Court filings in Michigan’s 3rd Circuit Court detail the missed mortgage payments and other issues in a lawsuit between Urban Communities, its lender and several trusts that transferred properties to the company in exchange for an ownership stake.
A complaint for the plaintiffs, John Secco Trust, et al., alleges that Urban Communities never maintained adequate insurance on the 15 properties, which had less than 50% occupancy, more than $2 million in unpaid bills and nearly $700,000 in unpaid taxes.
By 2025, the tax debt for the entire portfolio ballooned to more than $4.1 million.
Raechel Badalamenti, an attorney representing the trusts, said her clients settled with the lender. She declined to comment further, saying the agreement was confidential. Attorneys for the lender, CoreVest, did not respond to requests for comment.
“Urban Communities and its investors were wiped out of their equity investment, rendering a loss in excess of $17 million,” said Lennon, Urban Communities’ attorney.
What’s next?
Urban Communities sold one property with a more than $122,000 tax delinquency in February. A property the company lost to tax foreclosure was sold to a bidder based in Naples, Florida at auction in September for $35,000.
Adam Abusalah, a spokesperson for the treasurer’s office, said it would hold another auction at a later date for the five properties that didn’t sell.

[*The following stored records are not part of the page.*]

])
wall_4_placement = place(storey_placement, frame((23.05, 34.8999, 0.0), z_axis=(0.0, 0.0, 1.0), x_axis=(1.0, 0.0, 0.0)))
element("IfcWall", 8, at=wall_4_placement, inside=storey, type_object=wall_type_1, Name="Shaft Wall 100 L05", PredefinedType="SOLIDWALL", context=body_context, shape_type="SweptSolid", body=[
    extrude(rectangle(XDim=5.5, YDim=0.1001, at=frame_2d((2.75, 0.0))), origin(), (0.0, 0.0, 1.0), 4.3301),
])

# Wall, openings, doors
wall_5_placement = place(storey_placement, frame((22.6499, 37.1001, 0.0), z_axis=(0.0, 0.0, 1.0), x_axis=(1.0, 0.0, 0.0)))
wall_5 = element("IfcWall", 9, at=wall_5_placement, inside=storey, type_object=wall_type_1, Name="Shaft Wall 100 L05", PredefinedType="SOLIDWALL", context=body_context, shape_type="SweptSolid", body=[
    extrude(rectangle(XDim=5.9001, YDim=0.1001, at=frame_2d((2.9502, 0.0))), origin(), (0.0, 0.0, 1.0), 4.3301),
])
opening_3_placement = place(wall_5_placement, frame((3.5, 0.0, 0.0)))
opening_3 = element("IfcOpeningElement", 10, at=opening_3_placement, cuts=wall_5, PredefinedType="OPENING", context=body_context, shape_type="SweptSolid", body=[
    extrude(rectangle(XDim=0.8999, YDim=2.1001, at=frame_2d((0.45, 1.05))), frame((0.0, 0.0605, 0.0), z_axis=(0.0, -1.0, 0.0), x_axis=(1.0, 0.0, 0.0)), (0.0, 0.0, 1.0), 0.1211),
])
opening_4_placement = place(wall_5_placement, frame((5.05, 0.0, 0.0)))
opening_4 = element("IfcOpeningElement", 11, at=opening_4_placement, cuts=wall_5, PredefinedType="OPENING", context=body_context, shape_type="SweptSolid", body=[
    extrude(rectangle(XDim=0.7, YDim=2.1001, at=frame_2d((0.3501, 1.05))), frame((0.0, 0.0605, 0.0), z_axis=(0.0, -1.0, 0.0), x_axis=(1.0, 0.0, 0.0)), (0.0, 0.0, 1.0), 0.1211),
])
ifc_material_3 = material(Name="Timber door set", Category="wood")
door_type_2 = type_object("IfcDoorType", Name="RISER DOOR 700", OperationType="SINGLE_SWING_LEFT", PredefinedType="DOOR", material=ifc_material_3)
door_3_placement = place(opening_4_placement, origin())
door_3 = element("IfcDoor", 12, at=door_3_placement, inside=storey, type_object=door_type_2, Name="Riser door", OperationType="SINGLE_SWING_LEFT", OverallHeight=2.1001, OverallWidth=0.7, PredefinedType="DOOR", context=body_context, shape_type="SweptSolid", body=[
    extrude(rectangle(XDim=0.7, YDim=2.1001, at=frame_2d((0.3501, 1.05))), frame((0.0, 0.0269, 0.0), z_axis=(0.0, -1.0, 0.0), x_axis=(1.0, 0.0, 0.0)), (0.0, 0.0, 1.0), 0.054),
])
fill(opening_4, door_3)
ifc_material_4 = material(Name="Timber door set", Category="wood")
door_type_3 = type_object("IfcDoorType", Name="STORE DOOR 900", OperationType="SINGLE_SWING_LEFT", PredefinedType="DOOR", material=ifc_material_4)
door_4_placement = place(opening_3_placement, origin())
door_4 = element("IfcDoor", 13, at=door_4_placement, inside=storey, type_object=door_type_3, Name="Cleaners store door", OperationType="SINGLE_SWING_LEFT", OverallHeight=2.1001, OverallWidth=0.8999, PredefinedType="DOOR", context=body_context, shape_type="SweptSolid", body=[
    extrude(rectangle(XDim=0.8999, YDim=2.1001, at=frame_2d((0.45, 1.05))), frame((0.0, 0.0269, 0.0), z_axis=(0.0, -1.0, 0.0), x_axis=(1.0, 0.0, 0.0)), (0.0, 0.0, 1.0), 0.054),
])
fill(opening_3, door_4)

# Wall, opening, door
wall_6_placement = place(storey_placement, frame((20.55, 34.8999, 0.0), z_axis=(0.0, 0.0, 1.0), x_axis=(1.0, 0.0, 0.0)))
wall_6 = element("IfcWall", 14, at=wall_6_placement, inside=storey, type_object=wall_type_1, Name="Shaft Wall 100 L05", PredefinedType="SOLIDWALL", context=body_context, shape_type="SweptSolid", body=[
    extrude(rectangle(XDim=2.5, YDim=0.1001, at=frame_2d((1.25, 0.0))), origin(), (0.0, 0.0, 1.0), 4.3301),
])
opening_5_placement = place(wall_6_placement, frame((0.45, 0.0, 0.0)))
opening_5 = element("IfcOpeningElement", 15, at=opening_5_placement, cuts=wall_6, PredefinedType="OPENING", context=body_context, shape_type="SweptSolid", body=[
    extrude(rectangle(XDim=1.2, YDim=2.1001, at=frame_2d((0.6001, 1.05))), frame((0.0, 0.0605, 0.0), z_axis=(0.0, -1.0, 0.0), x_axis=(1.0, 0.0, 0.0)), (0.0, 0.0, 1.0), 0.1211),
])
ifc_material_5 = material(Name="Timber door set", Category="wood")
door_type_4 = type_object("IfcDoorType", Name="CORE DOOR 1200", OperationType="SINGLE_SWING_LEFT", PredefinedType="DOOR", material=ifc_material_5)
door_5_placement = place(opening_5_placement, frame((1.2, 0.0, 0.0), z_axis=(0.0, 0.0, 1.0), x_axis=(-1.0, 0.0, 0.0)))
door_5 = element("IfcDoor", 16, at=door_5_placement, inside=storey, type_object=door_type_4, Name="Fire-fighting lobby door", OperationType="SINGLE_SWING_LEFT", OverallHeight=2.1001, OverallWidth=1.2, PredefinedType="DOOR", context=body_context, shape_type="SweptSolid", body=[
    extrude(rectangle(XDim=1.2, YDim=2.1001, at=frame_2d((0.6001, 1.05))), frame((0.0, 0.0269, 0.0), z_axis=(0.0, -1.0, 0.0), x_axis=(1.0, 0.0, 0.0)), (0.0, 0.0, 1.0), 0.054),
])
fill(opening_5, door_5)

People still live in some of the buildings involved in the lawsuit, according to Simon, the court-appointed receiver. He said the lender has put a “substantial” amount of money into renovations, though he declined to say how much. He added that several companies have put in offers for the portfolio.
Former tenants Martindale and Greschak each took Urban Communities to small claims court to try and retrieve their security deposits. By then, Urban Communities had mostly ghosted on its obligations. No representative for the company showed up to the hearings, and the tenants both won default judgments.
But neither got their money back, and they’re on a long list of people Urban Communities owes money to.
“I had to pay money, do some digging and go to court to be told I was owed my security deposit, then I never got it back,” Martindale said. “One can only assume this happened to every single person who lived there.”